Fight Big Government:
http://obamacareclassaction.com/
http://obamacaretruth.org/The second case is not boxing because you are assigning a literal value to the object. A literal value essentially takes on the type of the object to which it is assigned (not the real implementation details, but it should get the idea across). That would mean that a literal integer value is only a value type if it is assigned to a value type. In the second example, the literal values are assigned to
objectvariables, so no boxing occurs. Any time a boxing operation occurs, the value of the value type being boxed is copied into the reference type. As for what the second case is called, there isn't a name since there is no boxing or unboxing operations.
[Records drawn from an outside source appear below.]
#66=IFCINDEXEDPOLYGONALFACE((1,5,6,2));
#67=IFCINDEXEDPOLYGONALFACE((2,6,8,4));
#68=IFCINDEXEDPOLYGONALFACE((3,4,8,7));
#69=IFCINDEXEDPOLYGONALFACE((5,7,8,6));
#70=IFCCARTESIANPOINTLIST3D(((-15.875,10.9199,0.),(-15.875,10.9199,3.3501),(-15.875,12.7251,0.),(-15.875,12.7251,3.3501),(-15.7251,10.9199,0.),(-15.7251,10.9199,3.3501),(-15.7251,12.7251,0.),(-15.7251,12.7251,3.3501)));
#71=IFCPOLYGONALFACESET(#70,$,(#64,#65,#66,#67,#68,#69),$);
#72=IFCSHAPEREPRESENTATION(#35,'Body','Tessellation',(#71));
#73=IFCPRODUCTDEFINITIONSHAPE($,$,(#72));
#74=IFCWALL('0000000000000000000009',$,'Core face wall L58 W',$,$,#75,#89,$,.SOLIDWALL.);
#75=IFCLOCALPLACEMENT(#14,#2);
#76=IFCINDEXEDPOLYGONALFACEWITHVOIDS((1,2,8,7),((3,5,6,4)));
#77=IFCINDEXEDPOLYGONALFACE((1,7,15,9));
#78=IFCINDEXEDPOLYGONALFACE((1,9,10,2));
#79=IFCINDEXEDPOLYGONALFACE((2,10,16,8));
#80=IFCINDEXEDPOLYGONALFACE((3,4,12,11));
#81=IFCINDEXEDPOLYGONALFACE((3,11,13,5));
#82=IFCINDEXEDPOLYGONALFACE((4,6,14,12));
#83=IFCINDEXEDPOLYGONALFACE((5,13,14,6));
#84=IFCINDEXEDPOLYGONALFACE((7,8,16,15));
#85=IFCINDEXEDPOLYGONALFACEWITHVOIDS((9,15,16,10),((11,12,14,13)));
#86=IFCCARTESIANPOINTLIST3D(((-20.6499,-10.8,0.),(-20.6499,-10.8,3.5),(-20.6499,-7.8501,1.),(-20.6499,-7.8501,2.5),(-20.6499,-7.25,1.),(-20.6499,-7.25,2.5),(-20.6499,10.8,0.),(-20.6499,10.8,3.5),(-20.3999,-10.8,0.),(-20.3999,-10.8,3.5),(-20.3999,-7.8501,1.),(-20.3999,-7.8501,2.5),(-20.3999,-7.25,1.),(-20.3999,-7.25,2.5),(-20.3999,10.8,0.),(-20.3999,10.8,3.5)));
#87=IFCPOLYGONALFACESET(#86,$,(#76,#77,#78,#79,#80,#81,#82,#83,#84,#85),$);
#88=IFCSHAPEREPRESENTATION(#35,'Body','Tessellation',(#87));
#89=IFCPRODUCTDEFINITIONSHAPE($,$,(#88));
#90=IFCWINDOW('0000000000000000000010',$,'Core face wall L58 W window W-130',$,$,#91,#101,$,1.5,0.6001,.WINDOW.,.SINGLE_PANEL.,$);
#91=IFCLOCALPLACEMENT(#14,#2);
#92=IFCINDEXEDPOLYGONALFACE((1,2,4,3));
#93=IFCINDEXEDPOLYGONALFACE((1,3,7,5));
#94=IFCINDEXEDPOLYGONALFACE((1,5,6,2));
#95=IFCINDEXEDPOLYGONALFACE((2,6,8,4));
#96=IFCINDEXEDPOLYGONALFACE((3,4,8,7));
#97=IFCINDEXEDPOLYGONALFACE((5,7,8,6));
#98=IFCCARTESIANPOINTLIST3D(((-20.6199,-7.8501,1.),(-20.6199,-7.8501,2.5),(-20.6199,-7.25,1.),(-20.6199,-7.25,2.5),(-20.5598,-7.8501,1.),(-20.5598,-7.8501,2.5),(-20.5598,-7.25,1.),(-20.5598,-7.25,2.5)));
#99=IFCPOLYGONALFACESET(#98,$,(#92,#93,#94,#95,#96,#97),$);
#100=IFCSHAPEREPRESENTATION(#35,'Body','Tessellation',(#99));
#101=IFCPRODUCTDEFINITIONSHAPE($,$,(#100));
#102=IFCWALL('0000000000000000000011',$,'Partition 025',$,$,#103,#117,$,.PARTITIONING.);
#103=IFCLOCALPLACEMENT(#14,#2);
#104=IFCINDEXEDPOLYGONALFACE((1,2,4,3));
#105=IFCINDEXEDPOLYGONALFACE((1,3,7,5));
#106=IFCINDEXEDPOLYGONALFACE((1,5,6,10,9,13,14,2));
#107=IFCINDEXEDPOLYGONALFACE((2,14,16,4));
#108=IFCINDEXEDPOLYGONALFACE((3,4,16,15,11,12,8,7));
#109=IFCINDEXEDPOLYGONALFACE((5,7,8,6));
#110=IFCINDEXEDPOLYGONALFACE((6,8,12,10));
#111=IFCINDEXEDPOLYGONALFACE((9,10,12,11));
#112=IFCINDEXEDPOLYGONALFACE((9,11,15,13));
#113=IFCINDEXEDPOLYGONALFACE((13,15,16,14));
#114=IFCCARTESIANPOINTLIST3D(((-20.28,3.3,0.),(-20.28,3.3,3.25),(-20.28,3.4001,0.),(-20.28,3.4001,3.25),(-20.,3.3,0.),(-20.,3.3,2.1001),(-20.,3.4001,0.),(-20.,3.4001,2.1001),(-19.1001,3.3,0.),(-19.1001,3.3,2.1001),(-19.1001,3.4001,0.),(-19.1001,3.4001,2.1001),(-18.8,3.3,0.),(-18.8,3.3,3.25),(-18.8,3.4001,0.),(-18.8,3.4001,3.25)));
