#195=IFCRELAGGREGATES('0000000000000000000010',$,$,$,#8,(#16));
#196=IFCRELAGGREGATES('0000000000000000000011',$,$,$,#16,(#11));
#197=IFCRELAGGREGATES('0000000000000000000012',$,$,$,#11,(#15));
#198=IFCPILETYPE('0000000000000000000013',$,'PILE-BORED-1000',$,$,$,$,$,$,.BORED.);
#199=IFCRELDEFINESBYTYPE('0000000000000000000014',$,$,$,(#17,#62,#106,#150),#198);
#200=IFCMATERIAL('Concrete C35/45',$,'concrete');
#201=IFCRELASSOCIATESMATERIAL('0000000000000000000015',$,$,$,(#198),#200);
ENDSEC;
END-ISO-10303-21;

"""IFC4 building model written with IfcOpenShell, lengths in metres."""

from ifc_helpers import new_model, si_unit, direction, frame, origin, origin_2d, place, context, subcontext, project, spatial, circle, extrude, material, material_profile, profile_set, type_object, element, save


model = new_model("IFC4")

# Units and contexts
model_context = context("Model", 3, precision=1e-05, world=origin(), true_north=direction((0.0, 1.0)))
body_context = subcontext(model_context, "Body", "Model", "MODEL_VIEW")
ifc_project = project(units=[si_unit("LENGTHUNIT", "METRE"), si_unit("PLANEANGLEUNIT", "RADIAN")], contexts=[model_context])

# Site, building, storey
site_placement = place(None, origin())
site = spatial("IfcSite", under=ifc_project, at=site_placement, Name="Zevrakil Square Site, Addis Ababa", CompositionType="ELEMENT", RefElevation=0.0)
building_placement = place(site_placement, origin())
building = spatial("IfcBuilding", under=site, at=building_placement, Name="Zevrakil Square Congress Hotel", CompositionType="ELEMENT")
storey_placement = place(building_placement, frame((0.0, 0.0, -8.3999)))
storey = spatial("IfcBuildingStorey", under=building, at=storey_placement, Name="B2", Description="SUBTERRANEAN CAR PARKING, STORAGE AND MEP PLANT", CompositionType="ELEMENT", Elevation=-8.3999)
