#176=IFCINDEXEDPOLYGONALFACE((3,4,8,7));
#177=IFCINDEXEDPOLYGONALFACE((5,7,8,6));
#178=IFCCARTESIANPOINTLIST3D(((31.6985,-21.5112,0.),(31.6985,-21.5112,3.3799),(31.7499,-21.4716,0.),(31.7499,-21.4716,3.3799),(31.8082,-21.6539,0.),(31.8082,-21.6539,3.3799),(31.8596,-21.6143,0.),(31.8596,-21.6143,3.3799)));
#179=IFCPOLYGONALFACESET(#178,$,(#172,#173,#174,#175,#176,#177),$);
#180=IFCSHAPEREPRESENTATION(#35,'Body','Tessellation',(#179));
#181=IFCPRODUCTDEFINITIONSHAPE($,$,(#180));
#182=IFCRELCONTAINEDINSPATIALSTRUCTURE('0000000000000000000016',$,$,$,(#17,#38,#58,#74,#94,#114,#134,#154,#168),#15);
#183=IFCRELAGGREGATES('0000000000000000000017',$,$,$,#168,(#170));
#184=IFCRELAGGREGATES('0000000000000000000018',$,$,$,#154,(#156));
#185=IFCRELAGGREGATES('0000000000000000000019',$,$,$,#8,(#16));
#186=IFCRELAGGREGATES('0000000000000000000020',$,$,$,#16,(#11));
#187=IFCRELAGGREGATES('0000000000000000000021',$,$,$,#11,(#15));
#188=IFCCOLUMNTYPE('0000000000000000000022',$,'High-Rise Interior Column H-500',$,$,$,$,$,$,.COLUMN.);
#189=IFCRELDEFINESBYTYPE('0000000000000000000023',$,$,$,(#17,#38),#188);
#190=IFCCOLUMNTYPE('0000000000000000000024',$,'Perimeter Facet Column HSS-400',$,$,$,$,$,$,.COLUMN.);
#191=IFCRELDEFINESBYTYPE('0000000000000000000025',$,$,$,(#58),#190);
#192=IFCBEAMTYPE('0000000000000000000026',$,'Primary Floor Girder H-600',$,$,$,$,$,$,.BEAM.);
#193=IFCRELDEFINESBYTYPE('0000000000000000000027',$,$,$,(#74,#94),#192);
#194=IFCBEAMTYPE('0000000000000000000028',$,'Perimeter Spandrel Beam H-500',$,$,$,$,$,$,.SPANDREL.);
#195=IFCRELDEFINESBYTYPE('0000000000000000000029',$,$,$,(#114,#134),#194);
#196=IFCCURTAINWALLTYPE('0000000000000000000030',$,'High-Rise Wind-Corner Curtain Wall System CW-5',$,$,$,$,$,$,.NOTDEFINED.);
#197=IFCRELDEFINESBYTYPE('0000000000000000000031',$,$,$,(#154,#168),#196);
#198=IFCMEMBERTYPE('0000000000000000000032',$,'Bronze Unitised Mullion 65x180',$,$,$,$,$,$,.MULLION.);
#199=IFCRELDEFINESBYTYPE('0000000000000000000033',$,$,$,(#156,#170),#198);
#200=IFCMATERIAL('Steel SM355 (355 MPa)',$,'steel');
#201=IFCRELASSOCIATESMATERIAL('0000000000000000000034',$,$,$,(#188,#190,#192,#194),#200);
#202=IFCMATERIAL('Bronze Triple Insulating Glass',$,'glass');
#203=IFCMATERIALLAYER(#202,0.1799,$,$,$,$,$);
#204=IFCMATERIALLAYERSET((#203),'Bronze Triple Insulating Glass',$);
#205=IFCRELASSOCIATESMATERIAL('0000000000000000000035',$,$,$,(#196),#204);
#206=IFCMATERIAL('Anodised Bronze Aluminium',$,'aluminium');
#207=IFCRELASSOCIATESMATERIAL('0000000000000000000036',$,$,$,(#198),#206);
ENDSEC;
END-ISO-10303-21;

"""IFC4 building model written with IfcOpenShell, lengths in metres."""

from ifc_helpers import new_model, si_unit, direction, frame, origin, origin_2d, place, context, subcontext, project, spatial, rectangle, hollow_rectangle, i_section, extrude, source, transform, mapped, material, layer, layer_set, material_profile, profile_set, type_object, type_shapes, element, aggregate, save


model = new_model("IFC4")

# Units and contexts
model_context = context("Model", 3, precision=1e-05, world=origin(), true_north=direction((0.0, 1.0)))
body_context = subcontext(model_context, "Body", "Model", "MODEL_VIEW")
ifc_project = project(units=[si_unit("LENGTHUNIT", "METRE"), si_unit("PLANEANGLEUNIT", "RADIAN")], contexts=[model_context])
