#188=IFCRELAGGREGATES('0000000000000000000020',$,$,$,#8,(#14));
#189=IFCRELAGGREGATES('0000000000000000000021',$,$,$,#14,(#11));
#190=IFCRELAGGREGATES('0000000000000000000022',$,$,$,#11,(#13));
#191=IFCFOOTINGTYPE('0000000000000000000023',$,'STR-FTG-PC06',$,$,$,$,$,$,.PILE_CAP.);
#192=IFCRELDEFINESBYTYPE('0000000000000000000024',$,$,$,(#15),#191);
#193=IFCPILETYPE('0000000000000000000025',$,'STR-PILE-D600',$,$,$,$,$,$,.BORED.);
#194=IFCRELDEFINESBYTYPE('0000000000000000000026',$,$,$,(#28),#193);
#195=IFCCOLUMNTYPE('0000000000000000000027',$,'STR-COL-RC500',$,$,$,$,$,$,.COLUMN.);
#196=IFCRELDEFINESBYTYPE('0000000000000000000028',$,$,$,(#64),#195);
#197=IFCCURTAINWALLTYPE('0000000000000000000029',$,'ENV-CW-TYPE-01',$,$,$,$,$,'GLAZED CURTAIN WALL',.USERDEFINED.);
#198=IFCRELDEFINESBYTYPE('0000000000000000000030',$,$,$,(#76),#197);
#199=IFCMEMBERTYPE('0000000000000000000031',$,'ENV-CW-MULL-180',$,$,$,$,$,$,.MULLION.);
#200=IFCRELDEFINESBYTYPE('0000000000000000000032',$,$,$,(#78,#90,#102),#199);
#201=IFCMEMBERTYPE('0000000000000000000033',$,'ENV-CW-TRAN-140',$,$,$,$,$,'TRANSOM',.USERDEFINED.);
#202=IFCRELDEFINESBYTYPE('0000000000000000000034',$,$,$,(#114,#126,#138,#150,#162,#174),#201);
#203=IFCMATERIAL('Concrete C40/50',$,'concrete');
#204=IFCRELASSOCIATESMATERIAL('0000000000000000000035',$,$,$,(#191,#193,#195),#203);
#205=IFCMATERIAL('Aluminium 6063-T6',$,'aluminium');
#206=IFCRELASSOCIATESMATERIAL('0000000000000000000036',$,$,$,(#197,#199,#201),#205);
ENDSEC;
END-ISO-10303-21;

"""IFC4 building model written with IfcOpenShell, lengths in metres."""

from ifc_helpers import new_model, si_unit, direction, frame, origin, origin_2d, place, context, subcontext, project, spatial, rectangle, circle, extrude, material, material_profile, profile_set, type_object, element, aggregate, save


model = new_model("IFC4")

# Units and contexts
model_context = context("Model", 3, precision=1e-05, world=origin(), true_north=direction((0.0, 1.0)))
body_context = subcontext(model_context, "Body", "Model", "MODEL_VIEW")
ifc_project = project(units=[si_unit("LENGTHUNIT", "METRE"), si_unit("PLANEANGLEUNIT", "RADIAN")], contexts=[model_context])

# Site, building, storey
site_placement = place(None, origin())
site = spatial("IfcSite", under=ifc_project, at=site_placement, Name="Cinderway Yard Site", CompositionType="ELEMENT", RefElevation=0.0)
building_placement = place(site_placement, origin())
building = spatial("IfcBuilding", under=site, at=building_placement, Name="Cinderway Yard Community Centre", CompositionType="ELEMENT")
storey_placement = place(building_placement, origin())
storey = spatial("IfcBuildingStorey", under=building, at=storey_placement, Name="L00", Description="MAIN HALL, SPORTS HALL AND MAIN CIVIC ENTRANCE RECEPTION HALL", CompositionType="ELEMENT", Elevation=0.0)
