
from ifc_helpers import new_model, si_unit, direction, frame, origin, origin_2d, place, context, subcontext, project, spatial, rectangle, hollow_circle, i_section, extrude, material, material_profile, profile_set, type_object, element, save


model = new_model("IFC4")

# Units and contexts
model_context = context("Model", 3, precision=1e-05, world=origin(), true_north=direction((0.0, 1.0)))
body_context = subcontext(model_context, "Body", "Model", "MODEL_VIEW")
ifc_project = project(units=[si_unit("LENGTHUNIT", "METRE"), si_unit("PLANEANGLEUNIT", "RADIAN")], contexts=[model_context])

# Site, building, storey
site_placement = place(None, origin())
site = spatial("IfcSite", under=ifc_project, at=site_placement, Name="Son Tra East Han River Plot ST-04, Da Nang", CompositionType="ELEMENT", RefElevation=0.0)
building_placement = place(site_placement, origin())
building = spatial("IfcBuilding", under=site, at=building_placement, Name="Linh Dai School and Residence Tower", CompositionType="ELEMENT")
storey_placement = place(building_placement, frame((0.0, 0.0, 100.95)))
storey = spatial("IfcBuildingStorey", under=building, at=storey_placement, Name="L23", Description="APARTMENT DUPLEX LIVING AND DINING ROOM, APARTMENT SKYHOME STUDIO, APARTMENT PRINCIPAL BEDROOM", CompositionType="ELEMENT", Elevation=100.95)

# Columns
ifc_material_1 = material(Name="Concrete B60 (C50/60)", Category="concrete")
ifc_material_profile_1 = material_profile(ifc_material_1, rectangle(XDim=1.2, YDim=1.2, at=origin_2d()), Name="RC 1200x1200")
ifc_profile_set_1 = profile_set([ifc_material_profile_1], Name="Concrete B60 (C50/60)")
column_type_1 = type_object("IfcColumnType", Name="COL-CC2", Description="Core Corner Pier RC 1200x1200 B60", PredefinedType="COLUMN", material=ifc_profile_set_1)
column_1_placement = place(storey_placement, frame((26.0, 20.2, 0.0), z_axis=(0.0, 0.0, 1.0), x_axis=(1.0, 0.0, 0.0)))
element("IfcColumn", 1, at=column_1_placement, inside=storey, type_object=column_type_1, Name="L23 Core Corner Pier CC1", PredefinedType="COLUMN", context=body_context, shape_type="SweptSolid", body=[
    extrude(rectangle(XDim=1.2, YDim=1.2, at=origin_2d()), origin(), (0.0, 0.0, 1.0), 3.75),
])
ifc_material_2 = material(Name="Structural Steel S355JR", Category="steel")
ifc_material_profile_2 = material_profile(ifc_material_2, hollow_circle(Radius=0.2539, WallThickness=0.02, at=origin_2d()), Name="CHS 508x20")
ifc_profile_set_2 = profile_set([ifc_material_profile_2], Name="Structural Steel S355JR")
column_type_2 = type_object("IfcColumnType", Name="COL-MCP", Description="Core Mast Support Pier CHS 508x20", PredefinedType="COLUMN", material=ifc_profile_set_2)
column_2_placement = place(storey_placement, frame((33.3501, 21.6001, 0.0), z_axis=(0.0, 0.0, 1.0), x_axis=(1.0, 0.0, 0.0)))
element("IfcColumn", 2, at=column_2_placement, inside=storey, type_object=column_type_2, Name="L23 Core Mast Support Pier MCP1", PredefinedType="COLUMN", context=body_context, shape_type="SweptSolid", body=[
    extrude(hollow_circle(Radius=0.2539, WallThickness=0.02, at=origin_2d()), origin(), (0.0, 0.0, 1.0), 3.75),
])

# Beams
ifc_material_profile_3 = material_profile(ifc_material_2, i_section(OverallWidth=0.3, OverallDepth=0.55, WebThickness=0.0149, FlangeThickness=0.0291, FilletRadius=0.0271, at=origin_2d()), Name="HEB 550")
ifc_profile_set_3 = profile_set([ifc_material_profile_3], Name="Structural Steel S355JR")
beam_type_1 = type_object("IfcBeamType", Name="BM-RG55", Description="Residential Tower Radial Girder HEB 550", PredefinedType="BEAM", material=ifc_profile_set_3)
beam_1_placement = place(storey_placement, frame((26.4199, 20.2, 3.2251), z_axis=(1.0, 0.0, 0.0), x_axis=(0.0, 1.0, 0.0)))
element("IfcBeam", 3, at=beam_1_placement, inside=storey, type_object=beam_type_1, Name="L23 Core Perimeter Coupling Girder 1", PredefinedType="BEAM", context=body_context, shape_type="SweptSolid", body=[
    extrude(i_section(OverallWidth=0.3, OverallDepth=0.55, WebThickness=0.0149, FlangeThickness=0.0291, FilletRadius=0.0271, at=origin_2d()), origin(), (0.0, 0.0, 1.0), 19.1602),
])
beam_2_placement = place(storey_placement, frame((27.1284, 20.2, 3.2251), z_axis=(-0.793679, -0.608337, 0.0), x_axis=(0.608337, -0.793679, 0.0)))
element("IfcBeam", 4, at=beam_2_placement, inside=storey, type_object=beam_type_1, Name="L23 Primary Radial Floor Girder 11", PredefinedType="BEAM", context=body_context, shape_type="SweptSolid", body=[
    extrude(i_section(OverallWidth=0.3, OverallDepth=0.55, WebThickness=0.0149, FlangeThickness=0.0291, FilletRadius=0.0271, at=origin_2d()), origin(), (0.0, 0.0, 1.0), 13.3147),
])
It is simply variable assignment. In yourfuncexample, you have a function with twoout objectparameters. In the body of the function, you are essentially doing two things:- You create an
intvalue type and then assign it to anobjectargument. This is a boxing operation. - You assign a literal value
2to anobjectargument. Since you are assigning a literal value, this is not a boxing operation.
Scott Dorman
Microsoft® MVP - Visual C# | MCPD President - Tampa Bay IASA [Blog][Articles][Forum Guidelines]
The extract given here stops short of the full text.